Dr. Bhyrappa’s ‘Parva’ was written in 1979 and has entered 41st year. It has seen many reprints and is among the popular works of the acclaimed novelist. Recently, Kannada and Culture Minister C.T. Ravi had discussed about adapting ‘Parva’ into a play at a meeting of Ranga Samajas.

Booker Prize Winner Aravind Adiga on ‘Parva’ plot

Aravind Adiga, an Indo-Australian writer and journalist whose debut novel, ‘The White Tiger’, won the 2008 Man Booker Prize, describes ‘Parva’ in the following words:

“By the mid-1970s, the novelist’s genius for detail — the smell of sandalwood soap on a lover’s body, the toothache that distracts the hero, the tiger’s skin against which the scholar rests to study the Vedas — and his ability to create memorable voices, especially for his women, were strengthened by a new interest in formal experimentation.

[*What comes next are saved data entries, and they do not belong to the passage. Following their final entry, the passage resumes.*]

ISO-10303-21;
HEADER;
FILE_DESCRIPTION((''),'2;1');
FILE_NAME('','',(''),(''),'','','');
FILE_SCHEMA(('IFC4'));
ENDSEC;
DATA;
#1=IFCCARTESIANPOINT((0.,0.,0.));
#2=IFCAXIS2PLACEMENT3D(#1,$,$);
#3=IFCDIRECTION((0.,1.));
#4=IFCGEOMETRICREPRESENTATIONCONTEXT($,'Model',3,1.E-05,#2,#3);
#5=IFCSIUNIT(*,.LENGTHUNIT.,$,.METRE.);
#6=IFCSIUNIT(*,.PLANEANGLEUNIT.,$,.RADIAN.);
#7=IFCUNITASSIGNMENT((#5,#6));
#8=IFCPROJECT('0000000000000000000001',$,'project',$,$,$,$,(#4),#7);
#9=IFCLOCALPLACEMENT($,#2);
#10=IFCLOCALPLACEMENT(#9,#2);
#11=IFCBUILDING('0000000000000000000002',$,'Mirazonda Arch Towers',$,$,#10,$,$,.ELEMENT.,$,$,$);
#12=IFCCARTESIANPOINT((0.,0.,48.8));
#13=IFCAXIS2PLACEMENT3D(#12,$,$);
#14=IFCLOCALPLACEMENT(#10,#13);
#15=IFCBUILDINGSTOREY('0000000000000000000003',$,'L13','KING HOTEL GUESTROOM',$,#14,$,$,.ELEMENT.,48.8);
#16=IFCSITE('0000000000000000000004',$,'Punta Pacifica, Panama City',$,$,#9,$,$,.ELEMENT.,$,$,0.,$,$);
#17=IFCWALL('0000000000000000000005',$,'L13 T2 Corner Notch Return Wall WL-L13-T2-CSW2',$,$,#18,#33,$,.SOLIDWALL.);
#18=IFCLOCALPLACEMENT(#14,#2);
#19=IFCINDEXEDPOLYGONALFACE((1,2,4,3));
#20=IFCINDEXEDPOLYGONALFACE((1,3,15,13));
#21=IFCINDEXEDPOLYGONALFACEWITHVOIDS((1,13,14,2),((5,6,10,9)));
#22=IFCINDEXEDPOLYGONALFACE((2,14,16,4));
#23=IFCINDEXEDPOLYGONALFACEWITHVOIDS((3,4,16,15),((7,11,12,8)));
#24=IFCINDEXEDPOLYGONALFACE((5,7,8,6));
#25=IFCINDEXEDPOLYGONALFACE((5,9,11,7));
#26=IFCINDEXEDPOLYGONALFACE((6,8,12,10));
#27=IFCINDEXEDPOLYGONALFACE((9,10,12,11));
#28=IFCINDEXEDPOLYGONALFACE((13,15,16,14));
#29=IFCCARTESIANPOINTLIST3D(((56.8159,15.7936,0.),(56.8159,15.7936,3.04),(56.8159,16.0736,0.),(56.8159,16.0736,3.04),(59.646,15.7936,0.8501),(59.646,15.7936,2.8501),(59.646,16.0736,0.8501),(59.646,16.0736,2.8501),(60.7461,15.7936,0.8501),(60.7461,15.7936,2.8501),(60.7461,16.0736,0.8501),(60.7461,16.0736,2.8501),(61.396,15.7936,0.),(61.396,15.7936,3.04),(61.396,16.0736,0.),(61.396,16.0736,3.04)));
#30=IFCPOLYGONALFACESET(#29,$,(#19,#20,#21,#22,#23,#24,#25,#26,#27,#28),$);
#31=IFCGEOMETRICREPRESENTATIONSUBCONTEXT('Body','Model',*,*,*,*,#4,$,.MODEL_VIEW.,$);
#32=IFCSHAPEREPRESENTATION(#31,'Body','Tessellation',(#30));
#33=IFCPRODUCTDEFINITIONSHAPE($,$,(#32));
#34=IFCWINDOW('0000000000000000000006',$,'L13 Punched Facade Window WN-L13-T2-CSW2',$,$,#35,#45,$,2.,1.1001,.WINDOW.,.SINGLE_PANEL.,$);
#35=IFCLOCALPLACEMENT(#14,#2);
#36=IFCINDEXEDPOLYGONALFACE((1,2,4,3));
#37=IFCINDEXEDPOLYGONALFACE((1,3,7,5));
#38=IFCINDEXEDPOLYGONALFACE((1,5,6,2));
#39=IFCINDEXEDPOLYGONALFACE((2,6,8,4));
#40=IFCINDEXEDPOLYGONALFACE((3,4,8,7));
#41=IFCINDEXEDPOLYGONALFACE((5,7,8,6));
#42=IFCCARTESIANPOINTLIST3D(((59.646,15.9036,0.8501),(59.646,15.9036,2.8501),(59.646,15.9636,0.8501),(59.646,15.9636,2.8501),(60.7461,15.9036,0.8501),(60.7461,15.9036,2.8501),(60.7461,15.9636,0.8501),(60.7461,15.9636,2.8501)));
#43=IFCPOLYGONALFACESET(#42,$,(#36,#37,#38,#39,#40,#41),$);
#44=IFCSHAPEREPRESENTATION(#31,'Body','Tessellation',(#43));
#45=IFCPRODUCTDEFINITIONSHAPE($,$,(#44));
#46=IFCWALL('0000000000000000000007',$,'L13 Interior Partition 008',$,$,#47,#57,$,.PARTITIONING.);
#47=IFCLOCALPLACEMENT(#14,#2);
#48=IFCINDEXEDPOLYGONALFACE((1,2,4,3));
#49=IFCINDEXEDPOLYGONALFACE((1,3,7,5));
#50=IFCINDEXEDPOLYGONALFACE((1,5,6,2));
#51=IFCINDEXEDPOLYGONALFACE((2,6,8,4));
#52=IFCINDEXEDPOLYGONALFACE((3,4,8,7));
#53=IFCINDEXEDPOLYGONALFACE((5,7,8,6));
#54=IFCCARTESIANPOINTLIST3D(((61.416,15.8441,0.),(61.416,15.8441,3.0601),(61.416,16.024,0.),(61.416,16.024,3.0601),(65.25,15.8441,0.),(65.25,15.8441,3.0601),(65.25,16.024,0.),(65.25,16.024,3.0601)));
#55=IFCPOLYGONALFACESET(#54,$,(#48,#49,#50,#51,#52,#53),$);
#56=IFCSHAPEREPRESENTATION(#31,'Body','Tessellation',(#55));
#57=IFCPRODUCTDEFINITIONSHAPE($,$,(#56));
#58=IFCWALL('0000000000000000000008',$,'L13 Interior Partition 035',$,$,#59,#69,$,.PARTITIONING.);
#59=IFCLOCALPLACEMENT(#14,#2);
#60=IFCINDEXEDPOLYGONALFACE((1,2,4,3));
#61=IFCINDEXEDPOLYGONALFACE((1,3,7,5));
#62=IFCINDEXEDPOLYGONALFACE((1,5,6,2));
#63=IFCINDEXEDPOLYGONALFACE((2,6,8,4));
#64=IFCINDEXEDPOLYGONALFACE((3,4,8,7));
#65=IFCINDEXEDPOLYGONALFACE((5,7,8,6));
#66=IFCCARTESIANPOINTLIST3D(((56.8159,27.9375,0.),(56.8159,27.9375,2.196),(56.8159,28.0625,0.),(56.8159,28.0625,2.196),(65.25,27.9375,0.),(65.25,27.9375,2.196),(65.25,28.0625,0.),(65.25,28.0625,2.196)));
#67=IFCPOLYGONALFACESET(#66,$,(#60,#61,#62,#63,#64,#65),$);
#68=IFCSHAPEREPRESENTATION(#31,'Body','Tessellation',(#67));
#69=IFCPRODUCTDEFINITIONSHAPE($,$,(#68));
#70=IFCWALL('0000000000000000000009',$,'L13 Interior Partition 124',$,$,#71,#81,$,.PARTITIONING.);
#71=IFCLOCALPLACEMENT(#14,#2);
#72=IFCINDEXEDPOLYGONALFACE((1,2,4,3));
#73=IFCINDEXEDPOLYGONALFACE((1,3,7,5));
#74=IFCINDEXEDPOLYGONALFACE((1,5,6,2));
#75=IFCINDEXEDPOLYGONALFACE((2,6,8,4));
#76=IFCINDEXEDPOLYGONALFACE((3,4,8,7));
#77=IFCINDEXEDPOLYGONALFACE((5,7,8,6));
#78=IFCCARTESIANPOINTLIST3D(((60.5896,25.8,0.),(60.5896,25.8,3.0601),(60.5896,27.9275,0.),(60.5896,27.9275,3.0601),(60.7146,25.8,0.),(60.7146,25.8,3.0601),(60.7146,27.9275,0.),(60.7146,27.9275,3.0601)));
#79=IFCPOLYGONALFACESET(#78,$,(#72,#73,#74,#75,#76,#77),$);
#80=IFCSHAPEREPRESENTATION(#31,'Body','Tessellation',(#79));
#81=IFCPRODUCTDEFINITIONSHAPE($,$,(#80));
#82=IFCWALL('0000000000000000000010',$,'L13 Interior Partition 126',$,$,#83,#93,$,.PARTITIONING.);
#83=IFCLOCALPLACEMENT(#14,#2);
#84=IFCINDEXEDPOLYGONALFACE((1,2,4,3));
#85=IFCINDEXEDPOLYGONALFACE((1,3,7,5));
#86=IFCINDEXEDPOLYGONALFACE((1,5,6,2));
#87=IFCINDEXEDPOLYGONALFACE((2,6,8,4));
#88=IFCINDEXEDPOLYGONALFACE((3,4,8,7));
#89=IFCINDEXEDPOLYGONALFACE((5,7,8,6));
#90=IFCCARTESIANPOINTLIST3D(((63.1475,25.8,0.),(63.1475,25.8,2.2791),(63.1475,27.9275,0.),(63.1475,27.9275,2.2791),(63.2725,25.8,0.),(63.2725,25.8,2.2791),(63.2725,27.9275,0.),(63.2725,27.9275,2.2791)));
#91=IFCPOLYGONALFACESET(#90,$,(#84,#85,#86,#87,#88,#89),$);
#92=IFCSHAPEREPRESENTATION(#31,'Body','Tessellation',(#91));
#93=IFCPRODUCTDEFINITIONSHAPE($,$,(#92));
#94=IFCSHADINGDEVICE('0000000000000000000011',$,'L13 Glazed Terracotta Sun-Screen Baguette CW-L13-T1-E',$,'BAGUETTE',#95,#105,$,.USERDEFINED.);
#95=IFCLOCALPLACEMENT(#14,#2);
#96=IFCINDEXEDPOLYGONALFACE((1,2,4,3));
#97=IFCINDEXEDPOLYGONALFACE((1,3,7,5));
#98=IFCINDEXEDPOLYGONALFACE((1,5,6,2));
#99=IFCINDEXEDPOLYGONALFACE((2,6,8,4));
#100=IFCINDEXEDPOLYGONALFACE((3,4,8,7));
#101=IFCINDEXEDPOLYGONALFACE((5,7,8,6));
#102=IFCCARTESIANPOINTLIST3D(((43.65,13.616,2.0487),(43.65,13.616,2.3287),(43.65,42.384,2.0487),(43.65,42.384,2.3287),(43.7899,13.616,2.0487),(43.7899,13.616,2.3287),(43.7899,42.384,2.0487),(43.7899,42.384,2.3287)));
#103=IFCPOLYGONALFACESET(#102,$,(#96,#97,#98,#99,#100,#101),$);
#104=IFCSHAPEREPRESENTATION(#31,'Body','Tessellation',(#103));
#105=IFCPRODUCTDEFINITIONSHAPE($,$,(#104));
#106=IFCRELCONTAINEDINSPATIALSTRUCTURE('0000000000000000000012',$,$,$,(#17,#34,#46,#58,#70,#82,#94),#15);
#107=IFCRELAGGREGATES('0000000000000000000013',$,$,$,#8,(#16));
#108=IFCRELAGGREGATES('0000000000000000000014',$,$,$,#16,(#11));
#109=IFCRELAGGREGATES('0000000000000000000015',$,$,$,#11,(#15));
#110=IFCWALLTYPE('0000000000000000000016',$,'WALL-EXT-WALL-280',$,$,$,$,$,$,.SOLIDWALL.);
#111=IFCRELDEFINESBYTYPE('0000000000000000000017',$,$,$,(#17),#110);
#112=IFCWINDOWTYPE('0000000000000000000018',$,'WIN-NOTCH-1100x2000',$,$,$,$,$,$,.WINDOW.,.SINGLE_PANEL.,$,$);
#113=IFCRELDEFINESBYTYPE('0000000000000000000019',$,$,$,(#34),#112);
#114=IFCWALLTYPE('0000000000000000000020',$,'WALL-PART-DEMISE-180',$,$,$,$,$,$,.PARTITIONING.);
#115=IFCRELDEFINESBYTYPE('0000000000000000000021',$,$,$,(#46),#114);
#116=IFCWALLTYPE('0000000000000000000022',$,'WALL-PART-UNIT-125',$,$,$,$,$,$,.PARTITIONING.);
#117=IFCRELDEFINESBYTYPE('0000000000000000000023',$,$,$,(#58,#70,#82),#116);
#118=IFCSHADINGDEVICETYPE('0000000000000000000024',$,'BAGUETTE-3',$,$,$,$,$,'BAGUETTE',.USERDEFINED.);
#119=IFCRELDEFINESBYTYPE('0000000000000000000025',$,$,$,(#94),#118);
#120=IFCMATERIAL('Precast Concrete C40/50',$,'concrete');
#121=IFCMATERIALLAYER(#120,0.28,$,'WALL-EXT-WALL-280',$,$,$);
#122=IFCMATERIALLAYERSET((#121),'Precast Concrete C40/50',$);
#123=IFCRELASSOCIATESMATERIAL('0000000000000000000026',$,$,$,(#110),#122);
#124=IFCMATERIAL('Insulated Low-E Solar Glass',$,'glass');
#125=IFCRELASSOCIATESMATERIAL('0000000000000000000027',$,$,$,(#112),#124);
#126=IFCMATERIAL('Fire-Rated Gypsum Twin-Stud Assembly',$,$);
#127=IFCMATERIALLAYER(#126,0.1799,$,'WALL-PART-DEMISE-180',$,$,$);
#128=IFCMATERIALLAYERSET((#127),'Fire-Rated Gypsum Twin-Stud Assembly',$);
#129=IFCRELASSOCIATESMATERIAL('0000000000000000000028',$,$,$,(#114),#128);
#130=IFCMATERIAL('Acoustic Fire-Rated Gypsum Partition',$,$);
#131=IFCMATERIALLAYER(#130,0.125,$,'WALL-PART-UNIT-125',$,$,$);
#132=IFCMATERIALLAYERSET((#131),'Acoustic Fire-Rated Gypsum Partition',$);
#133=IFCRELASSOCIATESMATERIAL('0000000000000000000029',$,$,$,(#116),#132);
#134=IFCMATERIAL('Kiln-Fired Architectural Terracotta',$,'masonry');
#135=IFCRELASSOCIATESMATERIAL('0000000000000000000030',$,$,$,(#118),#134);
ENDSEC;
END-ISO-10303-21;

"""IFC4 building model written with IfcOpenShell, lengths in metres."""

from ifc_helpers import new_model, si_unit, direction, frame, frame_2d, origin, origin_2d, place, context, subcontext, project, spatial, rectangle, extrude, material, layer, layer_set, material_profile, profile_set, type_object, element, fill, save


model = new_model("IFC4")

# Units and contexts
model_context = context("Model", 3, precision=1e-05, world=origin(), true_north=direction((0.0, 1.0)))
body_context = subcontext(model_context, "Body", "Model", "MODEL_VIEW")
ifc_project = project(units=[si_unit("LENGTHUNIT", "METRE"), si_unit("PLANEANGLEUNIT", "RADIAN")], contexts=[model_context])

# Site, building, storey
site_placement = place(None, origin())
site = spatial("IfcSite", under=ifc_project, at=site_placement, Name="Punta Pacifica, Panama City", CompositionType="ELEMENT", RefElevation=0.0)
building_placement = place(site_placement, origin())
building = spatial("IfcBuilding", under=site, at=building_placement, Name="Mirazonda Arch Towers", CompositionType="ELEMENT")
storey_placement = place(building_placement, frame((0.0, 0.0, 48.8)))
storey = spatial("IfcBuildingStorey", under=building, at=storey_placement, Name="L13", Description="KING HOTEL GUESTROOM", CompositionType="ELEMENT", Elevation=48.8)

# Shared definitions
ifc_material_1 = material(Name="Insulated Low-E Solar Glass", Category="glass")

# Wall, opening, window
ifc_material_2 = material(Name="Precast Concrete C40/50", Category="concrete")
ifc_layer_1 = layer(ifc_material_2, 0.28, Name="WALL-EXT-WALL-280")
ifc_layer_set_1 = layer_set([ifc_layer_1], Name="Precast Concrete C40/50")
wall_type_1 = type_object("IfcWallType", Name="WALL-EXT-WALL-280", PredefinedType="SOLIDWALL", material=ifc_layer_set_1)
wall_1_placement = place(storey_placement, frame((56.8159, 15.9336, 0.0), z_axis=(0.0, 0.0, 1.0), x_axis=(1.0, 0.0, 0.0)))
wall_1 = element("IfcWall", 1, at=wall_1_placement, inside=storey, type_object=wall_type_1, Name="L13 T2 Corner Notch Return Wall WL-L13-T2-CSW2", PredefinedType="SOLIDWALL", context=body_context, shape_type="SweptSolid", body=[
    extrude(rectangle(XDim=4.5801, YDim=0.28, at=frame_2d((2.29, 0.0))), origin(), (0.0, 0.0, 1.0), 3.04),
])
opening_1_placement = place(wall_1_placement, frame((2.8301, 0.0, 0.8501)))
opening_1 = element("IfcOpeningElement", 2, at=opening_1_placement, cuts=wall_1, PredefinedType="OPENING", context=body_context, shape_type="SweptSolid", body=[
    extrude(rectangle(XDim=1.1001, YDim=2.0, at=frame_2d((0.55, 1.0))), frame((0.0, 0.1499, 0.0), z_axis=(0.0, -1.0, 0.0), x_axis=(1.0, 0.0, 0.0)), (0.0, 0.0, 1.0), 0.3),
])
window_type_1 = type_object("IfcWindowType", Name="WIN-NOTCH-1100x2000", PartitioningType="SINGLE_PANEL", PredefinedType="WINDOW", material=ifc_material_1)
window_1_placement = place(opening_1_placement, origin())
window_1 = element("IfcWindow", 3, at=window_1_placement, inside=storey, type_object=window_type_1, Name="L13 Punched Facade Window WN-L13-T2-CSW2", OverallHeight=2.0, OverallWidth=1.1001, PartitioningType="SINGLE_PANEL", PredefinedType="WINDOW", context=body_context, shape_type="SweptSolid", body=[
    extrude(rectangle(XDim=1.1001, YDim=2.0, at=frame_2d((0.55, 1.0))), frame((0.0, 0.03, 0.0), z_axis=(0.0, -1.0, 0.0), x_axis=(1.0, 0.0, 0.0)), (0.0, 0.0, 1.0), 0.0601),
])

In 1979, after having won the Sahitya Akademi award for ‘Daatu’, his novel about caste,  Bhyrappa published the work that defines him for many readers: Parva.”

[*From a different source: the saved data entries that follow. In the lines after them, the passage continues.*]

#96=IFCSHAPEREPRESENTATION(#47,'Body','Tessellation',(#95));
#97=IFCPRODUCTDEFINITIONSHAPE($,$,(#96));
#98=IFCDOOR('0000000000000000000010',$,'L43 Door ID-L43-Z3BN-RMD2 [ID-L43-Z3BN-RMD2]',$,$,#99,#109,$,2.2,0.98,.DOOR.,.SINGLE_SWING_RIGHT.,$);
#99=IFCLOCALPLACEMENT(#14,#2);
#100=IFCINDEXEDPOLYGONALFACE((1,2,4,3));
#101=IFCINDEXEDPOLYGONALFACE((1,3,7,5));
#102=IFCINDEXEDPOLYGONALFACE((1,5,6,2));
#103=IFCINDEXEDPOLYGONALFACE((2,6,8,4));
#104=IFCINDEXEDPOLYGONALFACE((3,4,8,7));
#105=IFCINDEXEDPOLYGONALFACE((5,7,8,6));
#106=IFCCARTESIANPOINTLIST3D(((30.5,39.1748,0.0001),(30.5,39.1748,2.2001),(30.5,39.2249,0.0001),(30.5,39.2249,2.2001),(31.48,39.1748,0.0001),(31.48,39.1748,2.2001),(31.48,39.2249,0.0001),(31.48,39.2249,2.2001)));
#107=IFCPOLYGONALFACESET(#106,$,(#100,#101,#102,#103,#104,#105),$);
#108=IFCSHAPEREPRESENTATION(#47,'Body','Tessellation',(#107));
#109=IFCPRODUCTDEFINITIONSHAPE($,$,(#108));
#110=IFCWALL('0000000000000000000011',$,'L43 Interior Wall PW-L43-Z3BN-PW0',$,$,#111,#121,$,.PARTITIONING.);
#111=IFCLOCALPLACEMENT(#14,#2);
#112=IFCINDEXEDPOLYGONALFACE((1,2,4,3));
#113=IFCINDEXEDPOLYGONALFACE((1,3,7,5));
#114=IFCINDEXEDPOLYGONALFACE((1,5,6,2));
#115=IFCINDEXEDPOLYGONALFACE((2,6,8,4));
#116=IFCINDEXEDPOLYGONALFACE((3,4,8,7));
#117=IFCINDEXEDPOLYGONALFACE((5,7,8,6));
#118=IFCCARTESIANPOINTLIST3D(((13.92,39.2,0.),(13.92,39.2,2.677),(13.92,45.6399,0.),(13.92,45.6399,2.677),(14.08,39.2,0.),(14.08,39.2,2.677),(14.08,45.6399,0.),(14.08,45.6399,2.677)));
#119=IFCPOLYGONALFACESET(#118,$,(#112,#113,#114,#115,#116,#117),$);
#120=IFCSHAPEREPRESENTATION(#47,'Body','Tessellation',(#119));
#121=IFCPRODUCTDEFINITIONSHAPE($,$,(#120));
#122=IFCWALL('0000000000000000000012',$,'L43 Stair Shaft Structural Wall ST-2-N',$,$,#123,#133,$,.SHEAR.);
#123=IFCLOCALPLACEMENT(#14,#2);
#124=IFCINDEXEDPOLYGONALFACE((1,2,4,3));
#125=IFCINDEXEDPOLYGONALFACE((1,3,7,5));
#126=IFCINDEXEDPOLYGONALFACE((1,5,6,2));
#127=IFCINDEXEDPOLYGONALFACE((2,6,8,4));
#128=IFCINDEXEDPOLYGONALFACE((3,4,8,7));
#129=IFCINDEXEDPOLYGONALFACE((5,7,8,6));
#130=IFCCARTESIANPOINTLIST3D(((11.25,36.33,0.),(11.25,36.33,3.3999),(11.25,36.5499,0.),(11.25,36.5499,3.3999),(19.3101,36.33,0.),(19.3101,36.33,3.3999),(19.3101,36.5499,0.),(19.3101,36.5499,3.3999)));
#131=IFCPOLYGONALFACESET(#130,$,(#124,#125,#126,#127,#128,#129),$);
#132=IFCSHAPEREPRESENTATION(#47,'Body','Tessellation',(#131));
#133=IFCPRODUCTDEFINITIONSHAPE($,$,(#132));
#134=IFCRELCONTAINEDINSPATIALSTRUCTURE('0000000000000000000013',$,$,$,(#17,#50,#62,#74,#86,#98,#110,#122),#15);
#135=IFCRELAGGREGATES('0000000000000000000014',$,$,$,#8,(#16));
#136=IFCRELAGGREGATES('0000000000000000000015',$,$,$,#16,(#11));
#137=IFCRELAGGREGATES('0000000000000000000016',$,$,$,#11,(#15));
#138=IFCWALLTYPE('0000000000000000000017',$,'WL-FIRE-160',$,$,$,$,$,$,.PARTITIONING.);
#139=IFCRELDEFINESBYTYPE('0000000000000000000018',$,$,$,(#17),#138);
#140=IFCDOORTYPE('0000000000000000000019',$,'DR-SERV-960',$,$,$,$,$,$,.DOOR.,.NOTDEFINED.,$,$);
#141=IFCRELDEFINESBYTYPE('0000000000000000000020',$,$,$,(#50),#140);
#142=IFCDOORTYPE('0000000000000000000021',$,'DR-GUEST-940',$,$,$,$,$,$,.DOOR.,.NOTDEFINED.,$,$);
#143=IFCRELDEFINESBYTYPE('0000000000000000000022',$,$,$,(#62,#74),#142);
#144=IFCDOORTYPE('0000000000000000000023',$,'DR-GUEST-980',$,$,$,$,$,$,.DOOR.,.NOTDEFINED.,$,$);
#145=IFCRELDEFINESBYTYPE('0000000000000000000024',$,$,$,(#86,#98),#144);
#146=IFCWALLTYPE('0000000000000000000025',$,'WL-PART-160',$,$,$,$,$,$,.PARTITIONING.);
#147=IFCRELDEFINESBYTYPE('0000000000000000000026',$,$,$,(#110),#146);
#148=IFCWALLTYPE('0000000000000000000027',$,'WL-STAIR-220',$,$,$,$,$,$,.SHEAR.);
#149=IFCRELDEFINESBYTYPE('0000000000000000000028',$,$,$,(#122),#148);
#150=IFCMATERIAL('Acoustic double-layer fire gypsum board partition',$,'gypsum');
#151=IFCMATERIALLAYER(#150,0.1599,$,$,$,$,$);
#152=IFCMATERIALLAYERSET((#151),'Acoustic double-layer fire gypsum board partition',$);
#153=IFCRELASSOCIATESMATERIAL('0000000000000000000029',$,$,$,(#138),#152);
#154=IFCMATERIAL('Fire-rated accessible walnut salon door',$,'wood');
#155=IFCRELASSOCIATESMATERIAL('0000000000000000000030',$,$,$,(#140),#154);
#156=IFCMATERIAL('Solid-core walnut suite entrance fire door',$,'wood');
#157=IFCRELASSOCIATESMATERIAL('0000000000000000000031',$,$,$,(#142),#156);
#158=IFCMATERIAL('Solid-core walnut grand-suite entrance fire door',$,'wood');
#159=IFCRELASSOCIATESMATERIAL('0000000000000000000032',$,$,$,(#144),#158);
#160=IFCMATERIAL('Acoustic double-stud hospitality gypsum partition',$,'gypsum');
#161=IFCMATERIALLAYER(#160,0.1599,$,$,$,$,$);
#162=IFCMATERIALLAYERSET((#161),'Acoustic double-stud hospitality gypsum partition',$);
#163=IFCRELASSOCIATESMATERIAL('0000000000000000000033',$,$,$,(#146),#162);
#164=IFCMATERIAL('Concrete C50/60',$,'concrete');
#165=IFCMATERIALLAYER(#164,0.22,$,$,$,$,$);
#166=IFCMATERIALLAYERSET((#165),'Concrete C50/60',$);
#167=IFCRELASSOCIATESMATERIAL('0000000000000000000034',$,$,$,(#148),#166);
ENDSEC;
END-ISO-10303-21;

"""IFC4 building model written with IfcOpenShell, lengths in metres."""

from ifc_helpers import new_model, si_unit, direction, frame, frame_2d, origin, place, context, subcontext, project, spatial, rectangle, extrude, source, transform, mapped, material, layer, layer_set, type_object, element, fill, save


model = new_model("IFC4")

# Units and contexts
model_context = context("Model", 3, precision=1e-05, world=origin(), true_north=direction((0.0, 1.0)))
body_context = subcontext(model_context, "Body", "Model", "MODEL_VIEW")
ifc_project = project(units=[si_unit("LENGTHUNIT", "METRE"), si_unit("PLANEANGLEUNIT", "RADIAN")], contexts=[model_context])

“On the surface, it is an anthropological retelling of the Mahabharata, in which the Kurukshetra war is freed from mythology and magic and presented as an actual historical event, the novel is really a study of human character under extreme stress. Innovative in structure, ‘Parva’ is built around long interior monologues that are like arias; one by one, Bhyrappa enters into the minds of the major players, Pandava and Kaurava alike, to create complex, almost Cubist, character portraits,” Adiga says.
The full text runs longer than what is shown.